President Nazarbayev is the oldest head of state in the former USSR, at 77. His current term ends in 2020. The uncertainty surrounding his succession is frequently cited as the foremost source of concern to foreign investors and could jeopardise Kazakhstan’s plans to attract up to $40bn in FDI by 2025. Other challenges remain as well. For instance, being a minority shareholder in a company majority-owned by the government could pose a risk. Even industrial giants have experienced the trouble of working locally on projects in which the state has only a minority stake. Since early 2016, Kazakhstan has been locked in a dispute with foreign members of Karachaganak Petroleum Operating (KPO), a consortium developing a giant onshore gas condensate field. The government claims it was underpaid during the initial exploration phase and has to date rejected two proposals for an out-of-court settlement, including a $300m cash offer. In another instance, KazMunayGas attempted last year to buy out the minority owners of its LSE-listed subsidiary, KMG E&P, on unfavourable terms, but its offer was voted down after months of controversy.
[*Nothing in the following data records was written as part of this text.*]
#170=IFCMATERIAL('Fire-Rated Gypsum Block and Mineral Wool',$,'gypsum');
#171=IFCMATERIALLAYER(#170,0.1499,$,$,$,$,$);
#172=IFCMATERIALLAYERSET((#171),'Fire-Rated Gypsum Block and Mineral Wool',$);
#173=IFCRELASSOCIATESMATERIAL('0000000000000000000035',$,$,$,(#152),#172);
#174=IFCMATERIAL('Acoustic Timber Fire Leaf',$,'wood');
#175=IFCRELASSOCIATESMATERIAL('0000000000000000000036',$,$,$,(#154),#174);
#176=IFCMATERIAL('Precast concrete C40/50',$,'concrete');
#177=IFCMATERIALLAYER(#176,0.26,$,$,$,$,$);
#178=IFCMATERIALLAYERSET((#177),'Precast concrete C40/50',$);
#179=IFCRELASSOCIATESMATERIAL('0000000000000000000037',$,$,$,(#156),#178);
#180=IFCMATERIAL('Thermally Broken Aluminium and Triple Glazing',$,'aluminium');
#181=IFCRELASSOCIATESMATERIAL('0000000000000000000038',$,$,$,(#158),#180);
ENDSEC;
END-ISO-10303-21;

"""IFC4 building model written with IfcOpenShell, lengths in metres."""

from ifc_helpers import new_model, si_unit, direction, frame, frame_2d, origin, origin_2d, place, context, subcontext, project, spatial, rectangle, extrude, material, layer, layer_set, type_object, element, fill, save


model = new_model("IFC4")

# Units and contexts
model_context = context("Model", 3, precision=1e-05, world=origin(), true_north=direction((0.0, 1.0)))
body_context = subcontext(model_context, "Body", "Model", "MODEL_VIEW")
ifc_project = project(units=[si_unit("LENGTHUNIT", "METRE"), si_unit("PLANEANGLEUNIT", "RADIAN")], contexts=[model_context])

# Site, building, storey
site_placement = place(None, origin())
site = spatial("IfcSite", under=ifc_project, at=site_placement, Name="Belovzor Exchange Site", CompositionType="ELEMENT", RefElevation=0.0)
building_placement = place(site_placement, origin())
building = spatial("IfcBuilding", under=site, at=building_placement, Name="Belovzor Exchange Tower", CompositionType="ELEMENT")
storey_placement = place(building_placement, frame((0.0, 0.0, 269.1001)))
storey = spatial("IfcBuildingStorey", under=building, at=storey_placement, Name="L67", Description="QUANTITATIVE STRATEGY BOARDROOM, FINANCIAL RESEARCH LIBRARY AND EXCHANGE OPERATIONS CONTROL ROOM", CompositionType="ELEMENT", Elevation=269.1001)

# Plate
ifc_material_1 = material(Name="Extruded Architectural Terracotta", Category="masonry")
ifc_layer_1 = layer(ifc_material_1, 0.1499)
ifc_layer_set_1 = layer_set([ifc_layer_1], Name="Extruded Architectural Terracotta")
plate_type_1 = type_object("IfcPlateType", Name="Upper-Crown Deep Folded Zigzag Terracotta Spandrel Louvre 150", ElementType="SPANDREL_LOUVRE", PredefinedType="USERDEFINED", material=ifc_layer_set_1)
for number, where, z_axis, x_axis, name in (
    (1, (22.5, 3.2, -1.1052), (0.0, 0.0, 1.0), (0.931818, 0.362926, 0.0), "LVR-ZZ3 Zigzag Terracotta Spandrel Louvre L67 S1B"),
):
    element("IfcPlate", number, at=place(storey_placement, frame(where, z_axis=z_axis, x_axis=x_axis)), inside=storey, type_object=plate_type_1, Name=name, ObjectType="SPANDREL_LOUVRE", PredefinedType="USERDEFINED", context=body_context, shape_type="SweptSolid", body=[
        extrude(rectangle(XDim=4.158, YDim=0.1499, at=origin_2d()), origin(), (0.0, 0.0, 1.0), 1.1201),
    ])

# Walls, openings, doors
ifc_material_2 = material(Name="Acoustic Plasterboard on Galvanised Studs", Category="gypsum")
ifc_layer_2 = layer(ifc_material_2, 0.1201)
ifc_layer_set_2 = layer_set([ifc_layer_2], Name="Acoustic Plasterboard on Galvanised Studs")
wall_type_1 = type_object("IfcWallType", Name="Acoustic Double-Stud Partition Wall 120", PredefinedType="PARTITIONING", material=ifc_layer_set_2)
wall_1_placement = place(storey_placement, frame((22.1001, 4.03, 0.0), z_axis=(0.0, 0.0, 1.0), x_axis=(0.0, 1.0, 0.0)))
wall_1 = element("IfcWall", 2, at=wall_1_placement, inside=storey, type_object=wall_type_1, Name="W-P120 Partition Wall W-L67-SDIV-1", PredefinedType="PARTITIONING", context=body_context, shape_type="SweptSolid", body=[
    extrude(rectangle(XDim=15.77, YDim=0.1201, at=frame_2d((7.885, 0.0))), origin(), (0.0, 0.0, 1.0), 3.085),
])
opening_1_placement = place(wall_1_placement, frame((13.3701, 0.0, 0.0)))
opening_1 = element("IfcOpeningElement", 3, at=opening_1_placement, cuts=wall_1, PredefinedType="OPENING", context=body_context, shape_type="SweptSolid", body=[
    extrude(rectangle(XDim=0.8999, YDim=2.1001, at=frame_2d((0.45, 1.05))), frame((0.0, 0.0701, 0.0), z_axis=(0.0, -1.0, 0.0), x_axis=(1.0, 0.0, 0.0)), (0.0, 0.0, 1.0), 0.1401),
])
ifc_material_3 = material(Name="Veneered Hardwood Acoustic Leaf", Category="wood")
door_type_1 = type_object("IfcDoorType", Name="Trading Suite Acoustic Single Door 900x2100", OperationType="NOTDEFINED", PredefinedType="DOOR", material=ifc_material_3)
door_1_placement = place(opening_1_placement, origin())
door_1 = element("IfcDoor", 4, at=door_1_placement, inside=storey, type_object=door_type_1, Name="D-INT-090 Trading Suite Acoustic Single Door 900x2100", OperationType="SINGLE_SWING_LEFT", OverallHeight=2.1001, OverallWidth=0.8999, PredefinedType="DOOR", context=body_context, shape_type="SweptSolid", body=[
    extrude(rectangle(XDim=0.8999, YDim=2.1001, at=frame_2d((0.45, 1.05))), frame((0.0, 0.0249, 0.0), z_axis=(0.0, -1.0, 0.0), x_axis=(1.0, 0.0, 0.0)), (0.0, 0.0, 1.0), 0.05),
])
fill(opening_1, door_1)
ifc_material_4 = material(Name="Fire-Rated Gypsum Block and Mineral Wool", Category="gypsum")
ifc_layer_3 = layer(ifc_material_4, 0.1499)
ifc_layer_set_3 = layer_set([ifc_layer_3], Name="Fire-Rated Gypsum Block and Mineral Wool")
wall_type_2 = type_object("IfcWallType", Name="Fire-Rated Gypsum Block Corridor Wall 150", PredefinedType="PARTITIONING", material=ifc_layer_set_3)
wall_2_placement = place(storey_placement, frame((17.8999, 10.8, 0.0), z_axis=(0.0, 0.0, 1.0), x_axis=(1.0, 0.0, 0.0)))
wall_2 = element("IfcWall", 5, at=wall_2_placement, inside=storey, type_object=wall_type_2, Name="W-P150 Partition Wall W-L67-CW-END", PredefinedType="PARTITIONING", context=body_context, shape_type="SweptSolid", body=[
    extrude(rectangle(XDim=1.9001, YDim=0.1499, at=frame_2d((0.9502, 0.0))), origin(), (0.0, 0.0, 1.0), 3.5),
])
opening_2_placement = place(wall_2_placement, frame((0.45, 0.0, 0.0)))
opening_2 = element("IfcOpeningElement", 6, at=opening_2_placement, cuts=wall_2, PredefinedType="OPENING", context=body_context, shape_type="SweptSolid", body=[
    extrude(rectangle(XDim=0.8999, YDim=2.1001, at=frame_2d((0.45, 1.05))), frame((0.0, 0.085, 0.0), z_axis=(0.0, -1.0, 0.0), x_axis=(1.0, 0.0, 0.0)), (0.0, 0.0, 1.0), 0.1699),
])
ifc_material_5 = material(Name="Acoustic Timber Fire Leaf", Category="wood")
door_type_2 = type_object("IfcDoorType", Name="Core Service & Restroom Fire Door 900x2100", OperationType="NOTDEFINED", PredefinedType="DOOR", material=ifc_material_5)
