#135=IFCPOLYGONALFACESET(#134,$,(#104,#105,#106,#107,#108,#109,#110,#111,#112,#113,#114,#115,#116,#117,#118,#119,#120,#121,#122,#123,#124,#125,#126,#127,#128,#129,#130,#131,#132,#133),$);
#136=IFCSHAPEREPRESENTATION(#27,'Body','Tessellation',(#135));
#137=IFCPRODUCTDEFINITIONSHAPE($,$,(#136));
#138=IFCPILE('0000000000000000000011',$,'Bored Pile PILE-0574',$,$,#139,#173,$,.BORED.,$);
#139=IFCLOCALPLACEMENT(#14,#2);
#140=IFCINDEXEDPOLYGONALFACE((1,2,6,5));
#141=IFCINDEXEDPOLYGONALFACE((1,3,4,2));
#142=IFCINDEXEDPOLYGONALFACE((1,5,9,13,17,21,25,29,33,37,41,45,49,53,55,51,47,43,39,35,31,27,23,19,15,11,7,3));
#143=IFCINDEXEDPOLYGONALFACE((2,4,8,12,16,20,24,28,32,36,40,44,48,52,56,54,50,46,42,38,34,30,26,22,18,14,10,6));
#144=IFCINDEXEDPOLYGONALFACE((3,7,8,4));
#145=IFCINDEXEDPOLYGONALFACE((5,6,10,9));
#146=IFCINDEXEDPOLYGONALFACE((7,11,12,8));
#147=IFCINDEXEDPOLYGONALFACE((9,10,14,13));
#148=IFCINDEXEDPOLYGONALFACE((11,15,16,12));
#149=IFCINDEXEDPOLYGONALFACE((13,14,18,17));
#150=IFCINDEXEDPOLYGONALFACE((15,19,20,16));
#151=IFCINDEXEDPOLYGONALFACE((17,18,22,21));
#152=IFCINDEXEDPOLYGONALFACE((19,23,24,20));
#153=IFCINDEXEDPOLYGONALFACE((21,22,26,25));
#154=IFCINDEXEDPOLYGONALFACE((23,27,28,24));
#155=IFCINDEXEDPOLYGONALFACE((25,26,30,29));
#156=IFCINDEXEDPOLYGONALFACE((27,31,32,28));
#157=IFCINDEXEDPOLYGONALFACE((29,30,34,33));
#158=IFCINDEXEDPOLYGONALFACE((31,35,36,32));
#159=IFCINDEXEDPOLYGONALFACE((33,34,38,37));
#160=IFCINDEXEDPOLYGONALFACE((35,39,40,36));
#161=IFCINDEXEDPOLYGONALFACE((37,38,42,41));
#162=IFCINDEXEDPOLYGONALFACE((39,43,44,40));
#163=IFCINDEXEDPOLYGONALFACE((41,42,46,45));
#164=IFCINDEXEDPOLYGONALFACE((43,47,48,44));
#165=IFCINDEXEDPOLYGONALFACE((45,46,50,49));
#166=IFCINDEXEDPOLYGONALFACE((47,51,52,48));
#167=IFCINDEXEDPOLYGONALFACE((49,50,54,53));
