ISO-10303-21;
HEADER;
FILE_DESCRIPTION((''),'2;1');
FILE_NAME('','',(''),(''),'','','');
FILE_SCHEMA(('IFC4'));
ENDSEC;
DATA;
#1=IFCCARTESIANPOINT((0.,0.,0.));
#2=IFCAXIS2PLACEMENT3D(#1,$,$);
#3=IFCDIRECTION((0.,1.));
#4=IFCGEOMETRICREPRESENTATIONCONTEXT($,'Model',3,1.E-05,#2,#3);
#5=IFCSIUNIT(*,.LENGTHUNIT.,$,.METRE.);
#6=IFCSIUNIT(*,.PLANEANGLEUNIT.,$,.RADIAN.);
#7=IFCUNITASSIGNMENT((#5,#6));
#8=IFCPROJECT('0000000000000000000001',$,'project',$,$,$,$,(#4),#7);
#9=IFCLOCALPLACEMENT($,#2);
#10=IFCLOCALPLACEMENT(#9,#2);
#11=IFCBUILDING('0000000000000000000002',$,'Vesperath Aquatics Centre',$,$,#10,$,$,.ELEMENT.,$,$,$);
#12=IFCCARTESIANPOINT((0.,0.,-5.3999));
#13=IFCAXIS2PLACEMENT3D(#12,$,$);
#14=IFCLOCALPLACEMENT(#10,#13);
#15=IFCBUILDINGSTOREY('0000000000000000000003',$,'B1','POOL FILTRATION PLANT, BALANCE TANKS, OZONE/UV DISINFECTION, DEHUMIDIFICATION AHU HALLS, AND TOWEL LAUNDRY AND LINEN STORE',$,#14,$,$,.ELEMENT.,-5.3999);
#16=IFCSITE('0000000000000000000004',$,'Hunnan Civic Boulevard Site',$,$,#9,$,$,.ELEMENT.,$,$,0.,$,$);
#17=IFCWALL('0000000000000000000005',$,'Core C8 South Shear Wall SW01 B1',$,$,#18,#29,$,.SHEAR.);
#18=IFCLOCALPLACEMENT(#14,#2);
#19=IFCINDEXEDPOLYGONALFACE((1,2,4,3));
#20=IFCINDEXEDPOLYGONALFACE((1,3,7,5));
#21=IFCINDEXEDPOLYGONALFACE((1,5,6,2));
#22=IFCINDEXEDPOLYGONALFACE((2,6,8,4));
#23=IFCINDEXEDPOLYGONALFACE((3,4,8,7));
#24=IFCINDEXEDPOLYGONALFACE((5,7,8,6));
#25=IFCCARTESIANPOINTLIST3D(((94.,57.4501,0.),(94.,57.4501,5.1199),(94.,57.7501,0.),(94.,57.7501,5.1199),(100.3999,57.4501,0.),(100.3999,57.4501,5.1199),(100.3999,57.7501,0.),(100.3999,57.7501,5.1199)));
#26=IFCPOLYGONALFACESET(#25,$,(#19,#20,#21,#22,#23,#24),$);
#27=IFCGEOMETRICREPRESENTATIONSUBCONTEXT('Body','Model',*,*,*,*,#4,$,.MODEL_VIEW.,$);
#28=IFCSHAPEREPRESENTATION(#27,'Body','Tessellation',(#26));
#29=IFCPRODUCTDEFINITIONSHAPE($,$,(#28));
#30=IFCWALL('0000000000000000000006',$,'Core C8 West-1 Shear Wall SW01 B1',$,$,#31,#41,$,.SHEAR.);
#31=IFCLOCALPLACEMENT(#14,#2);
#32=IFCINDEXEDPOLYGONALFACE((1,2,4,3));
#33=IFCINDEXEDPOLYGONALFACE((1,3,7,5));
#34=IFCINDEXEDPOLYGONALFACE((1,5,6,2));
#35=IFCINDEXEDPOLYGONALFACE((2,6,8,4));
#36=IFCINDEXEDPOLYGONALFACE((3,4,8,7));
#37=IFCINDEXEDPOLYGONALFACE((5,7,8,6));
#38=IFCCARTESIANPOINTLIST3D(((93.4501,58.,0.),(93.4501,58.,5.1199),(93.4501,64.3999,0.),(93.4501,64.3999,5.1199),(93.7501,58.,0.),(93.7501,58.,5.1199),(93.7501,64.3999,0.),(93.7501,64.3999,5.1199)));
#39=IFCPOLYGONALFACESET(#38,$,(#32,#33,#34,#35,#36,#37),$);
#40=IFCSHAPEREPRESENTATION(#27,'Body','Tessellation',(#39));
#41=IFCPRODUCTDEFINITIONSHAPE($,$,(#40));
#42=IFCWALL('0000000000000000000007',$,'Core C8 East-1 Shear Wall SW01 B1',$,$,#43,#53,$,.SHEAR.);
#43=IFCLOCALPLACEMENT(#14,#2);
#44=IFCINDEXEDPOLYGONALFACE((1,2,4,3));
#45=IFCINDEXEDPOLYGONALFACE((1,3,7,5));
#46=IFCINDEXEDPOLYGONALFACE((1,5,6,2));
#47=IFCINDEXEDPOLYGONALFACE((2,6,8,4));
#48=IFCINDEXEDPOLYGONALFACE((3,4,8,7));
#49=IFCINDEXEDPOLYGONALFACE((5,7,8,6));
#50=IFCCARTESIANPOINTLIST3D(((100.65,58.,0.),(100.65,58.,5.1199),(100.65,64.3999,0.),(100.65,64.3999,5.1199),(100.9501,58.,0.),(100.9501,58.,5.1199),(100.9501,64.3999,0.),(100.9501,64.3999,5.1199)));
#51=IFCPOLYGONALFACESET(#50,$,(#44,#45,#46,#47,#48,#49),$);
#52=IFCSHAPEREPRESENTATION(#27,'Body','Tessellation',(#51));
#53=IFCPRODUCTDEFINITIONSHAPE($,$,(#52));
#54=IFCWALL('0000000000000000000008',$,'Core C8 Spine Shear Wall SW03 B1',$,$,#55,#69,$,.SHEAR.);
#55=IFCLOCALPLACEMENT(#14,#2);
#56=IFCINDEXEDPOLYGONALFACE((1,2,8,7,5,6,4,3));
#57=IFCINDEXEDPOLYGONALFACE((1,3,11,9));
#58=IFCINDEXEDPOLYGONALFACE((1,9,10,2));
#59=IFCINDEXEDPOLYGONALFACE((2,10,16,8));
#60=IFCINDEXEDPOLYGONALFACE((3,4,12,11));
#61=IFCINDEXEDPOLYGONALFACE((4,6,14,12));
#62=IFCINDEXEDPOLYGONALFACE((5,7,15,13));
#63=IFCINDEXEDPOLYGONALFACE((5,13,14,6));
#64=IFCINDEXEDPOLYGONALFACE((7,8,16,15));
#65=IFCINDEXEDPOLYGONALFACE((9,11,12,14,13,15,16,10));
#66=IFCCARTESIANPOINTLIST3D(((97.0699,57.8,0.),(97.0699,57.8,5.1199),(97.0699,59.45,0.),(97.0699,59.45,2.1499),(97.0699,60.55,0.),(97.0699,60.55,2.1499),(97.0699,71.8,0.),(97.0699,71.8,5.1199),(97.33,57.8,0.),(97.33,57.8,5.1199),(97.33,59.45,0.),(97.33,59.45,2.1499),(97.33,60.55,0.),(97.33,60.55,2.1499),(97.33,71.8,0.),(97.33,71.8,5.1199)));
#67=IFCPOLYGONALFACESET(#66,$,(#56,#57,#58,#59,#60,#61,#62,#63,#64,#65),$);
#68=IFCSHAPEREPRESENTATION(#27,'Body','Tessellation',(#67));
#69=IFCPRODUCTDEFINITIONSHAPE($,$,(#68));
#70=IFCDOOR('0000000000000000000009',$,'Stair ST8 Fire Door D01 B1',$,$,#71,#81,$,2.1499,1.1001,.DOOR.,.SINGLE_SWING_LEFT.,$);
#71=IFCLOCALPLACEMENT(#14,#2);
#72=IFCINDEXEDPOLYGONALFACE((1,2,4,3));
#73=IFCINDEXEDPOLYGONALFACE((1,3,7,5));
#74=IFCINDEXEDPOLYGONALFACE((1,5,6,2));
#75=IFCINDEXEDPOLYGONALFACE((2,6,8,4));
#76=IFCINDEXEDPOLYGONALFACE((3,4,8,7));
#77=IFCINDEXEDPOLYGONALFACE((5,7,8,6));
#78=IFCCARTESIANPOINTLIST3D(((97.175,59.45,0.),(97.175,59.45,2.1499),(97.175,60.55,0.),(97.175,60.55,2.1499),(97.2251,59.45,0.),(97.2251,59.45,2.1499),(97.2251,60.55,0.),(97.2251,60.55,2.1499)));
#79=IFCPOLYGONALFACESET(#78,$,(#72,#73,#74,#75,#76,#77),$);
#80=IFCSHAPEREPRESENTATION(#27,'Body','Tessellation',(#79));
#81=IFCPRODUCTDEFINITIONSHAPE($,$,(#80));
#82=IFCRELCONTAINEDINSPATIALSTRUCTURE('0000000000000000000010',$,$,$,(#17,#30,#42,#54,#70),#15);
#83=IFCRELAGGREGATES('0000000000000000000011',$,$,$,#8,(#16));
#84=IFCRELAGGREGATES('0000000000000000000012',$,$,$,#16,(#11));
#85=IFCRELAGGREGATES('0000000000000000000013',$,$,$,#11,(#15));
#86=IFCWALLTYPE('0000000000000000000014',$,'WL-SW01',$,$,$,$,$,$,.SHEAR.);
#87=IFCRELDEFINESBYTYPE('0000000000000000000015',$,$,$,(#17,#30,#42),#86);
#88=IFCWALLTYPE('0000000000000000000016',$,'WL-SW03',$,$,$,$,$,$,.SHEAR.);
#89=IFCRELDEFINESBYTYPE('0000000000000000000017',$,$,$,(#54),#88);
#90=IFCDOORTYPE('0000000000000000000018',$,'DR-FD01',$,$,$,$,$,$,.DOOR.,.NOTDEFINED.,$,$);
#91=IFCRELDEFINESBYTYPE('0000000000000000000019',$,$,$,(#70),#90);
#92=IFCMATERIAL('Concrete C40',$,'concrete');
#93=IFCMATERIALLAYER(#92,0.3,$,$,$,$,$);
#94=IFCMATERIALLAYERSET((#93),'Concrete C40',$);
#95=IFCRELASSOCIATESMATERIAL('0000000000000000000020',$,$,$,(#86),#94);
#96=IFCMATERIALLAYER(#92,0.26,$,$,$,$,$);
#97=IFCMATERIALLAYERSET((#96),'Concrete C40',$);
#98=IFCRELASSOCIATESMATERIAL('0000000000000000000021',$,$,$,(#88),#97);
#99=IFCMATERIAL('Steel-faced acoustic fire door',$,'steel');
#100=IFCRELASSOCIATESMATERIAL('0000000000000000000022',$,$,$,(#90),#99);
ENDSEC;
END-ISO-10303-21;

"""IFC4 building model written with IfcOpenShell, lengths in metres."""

from ifc_helpers import new_model, si_unit, direction, frame, frame_2d, origin, place, context, subcontext, project, spatial, rectangle, extrude, material, layer, layer_set, type_object, element, fill, save


model = new_model("IFC4")

# Units and contexts
model_context = context("Model", 3, precision=1e-05, world=origin(), true_north=direction((0.0, 1.0)))
body_context = subcontext(model_context, "Body", "Model", "MODEL_VIEW")
ifc_project = project(units=[si_unit("LENGTHUNIT", "METRE"), si_unit("PLANEANGLEUNIT", "RADIAN")], contexts=[model_context])

# Site, building, storey
site_placement = place(None, origin())
site = spatial("IfcSite", under=ifc_project, at=site_placement, Name="Hunnan Civic Boulevard Site", CompositionType="ELEMENT", RefElevation=0.0)
building_placement = place(site_placement, origin())
building = spatial("IfcBuilding", under=site, at=building_placement, Name="Vesperath Aquatics Centre", CompositionType="ELEMENT")
storey_placement = place(building_placement, frame((0.0, 0.0, -5.3999)))
storey = spatial("IfcBuildingStorey", under=building, at=storey_placement, Name="B1", Description="POOL FILTRATION PLANT, BALANCE TANKS, OZONE/UV DISINFECTION, DEHUMIDIFICATION AHU HALLS, AND TOWEL LAUNDRY AND LINEN STORE", CompositionType="ELEMENT", Elevation=-5.3999)

# Shared definitions
ifc_material_1 = material(Name="Concrete C40", Category="concrete")

# Walls
ifc_layer_1 = layer(ifc_material_1, 0.3)
ifc_layer_set_1 = layer_set([ifc_layer_1], Name="Concrete C40")
wall_type_1 = type_object("IfcWallType", Name="WL-SW01", PredefinedType="SHEAR", material=ifc_layer_set_1)
for number, where, z_axis, x_axis, name in (
    (1, (94.0, 57.6001, 0.0), (0.0, 0.0, 1.0), (1.0, 0.0, 0.0), "Core C8 South Shear Wall SW01 B1"),
    (2, (93.6001, 58.0, 0.0), (0.0, 0.0, 1.0), (0.0, 1.0, 0.0), "Core C8 West-1 Shear Wall SW01 B1"),
    (3, (100.8, 58.0, 0.0), (0.0, 0.0, 1.0), (0.0, 1.0, 0.0), "Core C8 East-1 Shear Wall SW01 B1"),
):
    element("IfcWall", number, at=place(storey_placement, frame(where, z_axis=z_axis, x_axis=x_axis)), inside=storey, type_object=wall_type_1, Name=name, PredefinedType="SHEAR", context=body_context, shape_type="SweptSolid", body=[
        extrude(rectangle(XDim=6.3999, YDim=0.3, at=frame_2d((3.2, 0.0))), origin(), (0.0, 0.0, 1.0), 5.1199),
    ])

# Wall, opening, door
ifc_layer_2 = layer(ifc_material_1, 0.26)
ifc_layer_set_2 = layer_set([ifc_layer_2], Name="Concrete C40")
wall_type_2 = type_object("IfcWallType", Name="WL-SW03", PredefinedType="SHEAR", material=ifc_layer_set_2)
wall_1_placement = place(storey_placement, frame((97.2, 57.8, 0.0), z_axis=(0.0, 0.0, 1.0), x_axis=(0.0, 1.0, 0.0)))
wall_1 = element("IfcWall", 4, at=wall_1_placement, inside=storey, type_object=wall_type_2, Name="Core C8 Spine Shear Wall SW03 B1", PredefinedType="SHEAR", context=body_context, shape_type="SweptSolid", body=[
    extrude(rectangle(XDim=14.0, YDim=0.26, at=frame_2d((7.0, 0.0))), origin(), (0.0, 0.0, 1.0), 5.1199),
])
opening_1_placement = place(wall_1_placement, frame((1.6499, 0.0, 0.0)))
opening_1 = element("IfcOpeningElement", 5, at=opening_1_placement, cuts=wall_1, PredefinedType="OPENING", context=body_context, shape_type="SweptSolid", body=[
    extrude(rectangle(XDim=1.1001, YDim=2.1499, at=frame_2d((0.55, 1.075))), frame((0.0, 0.145, 0.0), z_axis=(0.0, -1.0, 0.0), x_axis=(1.0, 0.0, 0.0)), (0.0, 0.0, 1.0), 0.2898),
])
ifc_material_2 = material(Name="Steel-faced acoustic fire door", Category="steel")
door_type_1 = type_object("IfcDoorType", Name="DR-FD01", OperationType="NOTDEFINED", PredefinedType="DOOR", material=ifc_material_2)
door_1_placement = place(opening_1_placement, origin())
door_1 = element("IfcDoor", 6, at=door_1_placement, inside=storey, type_object=door_type_1, Name="Stair ST8 Fire Door D01 B1", OperationType="SINGLE_SWING_LEFT", OverallHeight=2.1499, OverallWidth=1.1001, PredefinedType="DOOR", context=body_context, shape_type="SweptSolid", body=[
    extrude(rectangle(XDim=1.1001, YDim=2.1499, at=frame_2d((0.55, 1.075))), frame((0.0, 0.0249, 0.0), z_axis=(0.0, -1.0, 0.0), x_axis=(1.0, 0.0, 0.0)), (0.0, 0.0, 1.0), 0.05),
])
fill(opening_1, door_1)

save(model, "model.ifc")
There are myriad other issues that potential investors need to be aware of before reaching for their pockets. A sound understanding of the country and its decision-making processes, including the involvement of well-connected individuals, normally referred to as politically exposed persons, in key industries, is a prerequisite. Despite all the recent improvements, Kazakhstan still remains a high-risk jurisdiction and is ranked 131st out of 176 in Transparency International’s Corruption Perceptions Index. As the Latin saying goes, ‘praemonitus, praemunitus’ – ‘forewarned is forearmed’.
George Voloshin is the head of the Paris Office of Aperio Intelligence, a London-based corporate intelligence consultancy.